I think it's a stupid idea.

And I agree with this:



mr.rightaway said:


> I think governments should stay out of people's relationships.


----------



## unbelievable (Aug 20, 2010)

I haven't had any cheaters that I wanted to keep. The best revenge is to let them dig their own pit.


----------



## Runs like Dog (Feb 25, 2011)

Saudi Arabis does not practice stoning. They practice beheading. Malysia is is fond of penile amputation in some cases of rape. In Afghanistan adulterers can be killed any number of ways including drawn and quartering they also are ok with facial mutilation with acid against the victims of rape. And for the record it's not really against the law in Brazil for a man to kill his wife and her lover. Murder is a law but they don't bother with it. South Africa is still like that and they allow polygamy.

yaaaay humanity
_Posted via Mobile Device_


----------



## Pit-of-my-stomach (Nov 2, 2010)

Tourchwood said:


> I was wondering
> what if we implemented Saudi and Iran Laws with dealing with cheaters? Death or stoning.

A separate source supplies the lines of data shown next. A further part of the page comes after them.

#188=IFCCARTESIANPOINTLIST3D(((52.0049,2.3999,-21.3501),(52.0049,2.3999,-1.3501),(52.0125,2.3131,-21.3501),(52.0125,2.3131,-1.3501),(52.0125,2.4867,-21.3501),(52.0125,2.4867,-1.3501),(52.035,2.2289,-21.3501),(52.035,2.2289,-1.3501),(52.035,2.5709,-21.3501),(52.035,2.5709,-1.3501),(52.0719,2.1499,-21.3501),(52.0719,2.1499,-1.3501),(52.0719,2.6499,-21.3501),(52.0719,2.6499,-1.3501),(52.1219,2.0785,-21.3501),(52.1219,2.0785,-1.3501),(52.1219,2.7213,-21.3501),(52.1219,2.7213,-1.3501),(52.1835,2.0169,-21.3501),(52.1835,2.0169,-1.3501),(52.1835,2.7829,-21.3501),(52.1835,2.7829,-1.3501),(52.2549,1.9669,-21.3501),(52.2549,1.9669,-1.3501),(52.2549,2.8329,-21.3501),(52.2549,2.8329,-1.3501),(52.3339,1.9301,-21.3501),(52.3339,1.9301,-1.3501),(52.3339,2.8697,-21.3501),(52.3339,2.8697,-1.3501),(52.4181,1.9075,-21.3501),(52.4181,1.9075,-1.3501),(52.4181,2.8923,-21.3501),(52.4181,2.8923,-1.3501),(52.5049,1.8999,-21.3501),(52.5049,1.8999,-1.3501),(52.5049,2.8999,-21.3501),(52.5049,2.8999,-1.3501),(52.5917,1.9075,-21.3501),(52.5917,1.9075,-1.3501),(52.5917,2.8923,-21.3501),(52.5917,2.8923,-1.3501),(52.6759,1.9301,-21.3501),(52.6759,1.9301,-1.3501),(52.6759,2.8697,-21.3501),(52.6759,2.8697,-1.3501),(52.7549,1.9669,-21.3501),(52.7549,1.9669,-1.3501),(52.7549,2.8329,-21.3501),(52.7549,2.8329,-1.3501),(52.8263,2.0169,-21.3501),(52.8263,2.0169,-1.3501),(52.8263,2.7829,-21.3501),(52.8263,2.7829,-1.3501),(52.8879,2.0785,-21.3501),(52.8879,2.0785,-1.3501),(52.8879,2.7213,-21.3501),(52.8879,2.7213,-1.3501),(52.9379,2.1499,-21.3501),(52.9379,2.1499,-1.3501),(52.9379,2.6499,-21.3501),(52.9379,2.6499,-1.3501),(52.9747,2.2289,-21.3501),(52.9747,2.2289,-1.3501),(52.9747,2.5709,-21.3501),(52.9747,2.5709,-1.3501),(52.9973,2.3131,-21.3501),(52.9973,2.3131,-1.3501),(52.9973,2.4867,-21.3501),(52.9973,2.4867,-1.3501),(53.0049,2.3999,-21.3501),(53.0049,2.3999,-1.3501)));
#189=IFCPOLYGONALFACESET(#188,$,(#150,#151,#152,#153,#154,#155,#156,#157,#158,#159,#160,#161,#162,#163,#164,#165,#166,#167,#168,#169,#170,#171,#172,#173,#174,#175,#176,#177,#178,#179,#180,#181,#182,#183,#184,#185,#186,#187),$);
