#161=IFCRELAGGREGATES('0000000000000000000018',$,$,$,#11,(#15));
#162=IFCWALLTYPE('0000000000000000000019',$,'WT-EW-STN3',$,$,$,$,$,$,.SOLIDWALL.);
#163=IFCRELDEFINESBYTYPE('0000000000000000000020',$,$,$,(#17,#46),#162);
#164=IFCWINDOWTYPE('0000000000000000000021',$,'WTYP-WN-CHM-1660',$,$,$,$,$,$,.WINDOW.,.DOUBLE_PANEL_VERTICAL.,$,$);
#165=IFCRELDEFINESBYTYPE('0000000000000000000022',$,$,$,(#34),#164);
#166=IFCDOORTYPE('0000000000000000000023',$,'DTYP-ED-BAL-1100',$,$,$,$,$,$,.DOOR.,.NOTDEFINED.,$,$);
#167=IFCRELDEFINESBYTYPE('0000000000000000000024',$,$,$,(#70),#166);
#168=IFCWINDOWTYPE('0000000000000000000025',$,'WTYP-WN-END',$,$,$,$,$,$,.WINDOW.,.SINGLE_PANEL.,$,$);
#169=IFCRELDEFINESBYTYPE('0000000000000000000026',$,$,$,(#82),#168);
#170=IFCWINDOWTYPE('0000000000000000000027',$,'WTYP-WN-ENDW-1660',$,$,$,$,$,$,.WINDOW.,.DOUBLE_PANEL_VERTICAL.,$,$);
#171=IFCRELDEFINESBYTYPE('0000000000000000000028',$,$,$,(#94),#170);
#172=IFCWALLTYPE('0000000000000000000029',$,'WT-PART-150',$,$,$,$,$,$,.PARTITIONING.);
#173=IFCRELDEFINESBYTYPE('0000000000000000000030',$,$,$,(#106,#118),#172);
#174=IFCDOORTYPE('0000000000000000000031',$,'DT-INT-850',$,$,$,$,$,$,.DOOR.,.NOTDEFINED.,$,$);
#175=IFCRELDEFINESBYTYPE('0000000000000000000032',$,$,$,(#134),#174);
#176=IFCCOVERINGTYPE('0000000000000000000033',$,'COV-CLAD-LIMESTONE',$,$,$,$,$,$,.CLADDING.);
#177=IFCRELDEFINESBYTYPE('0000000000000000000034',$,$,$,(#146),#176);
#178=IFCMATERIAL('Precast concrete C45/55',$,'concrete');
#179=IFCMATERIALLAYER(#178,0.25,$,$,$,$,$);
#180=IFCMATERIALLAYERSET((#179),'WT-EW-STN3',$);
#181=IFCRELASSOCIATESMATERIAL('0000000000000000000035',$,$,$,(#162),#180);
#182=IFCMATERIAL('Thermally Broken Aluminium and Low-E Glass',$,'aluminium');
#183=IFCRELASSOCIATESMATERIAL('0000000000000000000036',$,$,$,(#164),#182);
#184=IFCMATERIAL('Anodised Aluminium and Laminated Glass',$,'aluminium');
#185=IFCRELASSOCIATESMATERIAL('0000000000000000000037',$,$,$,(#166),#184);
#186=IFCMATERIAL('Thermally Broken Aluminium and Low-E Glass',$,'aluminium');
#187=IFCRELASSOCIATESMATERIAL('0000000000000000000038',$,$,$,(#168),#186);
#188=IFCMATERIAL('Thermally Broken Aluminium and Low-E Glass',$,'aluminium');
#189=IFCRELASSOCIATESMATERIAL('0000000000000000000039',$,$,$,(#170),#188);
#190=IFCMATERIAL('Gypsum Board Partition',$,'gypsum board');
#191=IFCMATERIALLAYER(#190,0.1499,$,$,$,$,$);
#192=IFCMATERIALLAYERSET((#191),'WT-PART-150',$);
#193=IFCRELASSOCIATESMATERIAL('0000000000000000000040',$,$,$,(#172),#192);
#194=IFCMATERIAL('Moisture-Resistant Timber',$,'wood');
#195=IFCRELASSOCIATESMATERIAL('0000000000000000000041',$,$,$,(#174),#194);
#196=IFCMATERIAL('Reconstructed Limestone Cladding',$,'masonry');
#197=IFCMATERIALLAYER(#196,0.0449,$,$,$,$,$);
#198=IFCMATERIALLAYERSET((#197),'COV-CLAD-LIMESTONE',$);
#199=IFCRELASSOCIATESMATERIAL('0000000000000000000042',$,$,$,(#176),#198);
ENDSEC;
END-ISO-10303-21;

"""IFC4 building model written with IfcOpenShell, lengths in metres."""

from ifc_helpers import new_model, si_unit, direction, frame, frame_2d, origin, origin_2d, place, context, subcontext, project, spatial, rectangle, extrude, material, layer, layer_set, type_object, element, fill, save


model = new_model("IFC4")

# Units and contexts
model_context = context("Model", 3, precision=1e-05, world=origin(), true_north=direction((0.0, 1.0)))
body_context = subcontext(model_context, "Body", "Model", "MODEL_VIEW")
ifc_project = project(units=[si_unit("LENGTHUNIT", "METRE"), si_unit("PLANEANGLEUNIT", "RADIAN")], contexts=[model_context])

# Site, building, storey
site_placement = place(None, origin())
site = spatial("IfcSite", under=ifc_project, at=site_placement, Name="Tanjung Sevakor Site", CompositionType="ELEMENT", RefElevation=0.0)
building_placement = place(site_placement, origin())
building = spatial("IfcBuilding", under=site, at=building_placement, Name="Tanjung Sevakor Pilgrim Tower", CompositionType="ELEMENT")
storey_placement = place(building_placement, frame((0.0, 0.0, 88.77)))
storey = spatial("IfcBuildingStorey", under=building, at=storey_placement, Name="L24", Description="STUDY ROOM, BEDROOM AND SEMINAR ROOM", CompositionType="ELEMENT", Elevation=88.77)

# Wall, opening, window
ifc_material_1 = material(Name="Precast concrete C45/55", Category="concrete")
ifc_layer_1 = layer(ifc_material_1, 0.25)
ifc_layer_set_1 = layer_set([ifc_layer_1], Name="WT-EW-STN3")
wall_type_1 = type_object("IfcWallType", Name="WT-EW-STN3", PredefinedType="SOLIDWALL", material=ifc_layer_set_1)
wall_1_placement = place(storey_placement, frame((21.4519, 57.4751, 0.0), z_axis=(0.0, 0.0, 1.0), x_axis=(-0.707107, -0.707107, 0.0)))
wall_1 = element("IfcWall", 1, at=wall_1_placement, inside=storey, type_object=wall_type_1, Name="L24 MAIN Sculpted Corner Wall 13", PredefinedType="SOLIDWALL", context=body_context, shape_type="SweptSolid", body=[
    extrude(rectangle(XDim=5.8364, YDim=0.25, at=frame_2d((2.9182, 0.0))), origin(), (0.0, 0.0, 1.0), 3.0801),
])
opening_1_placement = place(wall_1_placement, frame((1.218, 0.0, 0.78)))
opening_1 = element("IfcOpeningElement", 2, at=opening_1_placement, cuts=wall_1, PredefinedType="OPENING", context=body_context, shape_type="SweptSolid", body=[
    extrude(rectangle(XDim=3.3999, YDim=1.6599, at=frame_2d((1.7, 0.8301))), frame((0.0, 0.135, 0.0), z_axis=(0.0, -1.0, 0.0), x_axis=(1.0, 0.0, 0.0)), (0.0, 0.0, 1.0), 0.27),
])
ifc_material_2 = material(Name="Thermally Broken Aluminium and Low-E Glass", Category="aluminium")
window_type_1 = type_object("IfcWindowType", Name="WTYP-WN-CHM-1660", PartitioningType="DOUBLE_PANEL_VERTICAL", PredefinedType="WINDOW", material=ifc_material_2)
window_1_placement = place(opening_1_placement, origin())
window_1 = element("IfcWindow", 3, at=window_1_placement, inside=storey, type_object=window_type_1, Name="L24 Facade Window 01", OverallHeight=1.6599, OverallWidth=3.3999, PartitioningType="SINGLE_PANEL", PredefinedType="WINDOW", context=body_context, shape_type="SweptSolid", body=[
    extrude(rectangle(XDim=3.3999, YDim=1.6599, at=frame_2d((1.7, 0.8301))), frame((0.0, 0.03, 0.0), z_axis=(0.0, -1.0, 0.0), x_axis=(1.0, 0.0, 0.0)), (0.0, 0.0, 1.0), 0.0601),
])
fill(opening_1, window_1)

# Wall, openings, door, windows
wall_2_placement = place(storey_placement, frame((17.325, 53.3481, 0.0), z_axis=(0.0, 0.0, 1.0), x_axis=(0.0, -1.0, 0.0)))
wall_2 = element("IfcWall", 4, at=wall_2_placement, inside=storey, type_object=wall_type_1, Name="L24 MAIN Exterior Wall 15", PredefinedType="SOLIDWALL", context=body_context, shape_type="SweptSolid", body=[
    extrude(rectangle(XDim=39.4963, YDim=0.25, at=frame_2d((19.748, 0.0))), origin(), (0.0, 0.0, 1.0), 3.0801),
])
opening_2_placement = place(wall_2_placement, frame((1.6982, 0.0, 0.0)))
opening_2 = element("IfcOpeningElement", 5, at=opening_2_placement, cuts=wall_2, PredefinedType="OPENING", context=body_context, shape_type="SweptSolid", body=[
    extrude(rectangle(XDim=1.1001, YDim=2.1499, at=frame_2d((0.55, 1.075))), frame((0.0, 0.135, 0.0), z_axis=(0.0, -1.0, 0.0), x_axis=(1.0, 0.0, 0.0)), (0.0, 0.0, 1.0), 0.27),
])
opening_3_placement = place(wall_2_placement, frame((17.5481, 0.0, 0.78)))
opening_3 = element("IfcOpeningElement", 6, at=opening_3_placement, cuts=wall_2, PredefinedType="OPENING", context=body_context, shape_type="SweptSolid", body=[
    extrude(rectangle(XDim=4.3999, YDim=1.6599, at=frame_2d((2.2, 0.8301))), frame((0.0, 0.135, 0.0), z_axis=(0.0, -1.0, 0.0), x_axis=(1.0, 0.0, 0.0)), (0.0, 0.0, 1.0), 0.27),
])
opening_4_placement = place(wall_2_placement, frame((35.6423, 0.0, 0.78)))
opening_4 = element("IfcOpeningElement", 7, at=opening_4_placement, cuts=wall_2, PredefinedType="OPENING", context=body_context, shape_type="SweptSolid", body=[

Judging by stats, I'd say the U.S. would run out of rocks.


----------



## 827Aug (Apr 27, 2008)

Pit-of-my-stomach said:


> Judging by stats, I'd say the U.S. would run out of rocks.


LOL. I was thinking the same thing. Also, the morticians would have a booming business.


----------



## Homemaker_Numero_Uno (Jan 18, 2011)

Men would just fix it further so they could have more than one wife. And then go even further and outlaw lesbians, just to make sure they stay in charge of the situation.

I think it would be better to just make marriage illegal.


----------



## lordmayhem (Feb 7, 2011)

The criminal justice system is already overwhelmed as it is. 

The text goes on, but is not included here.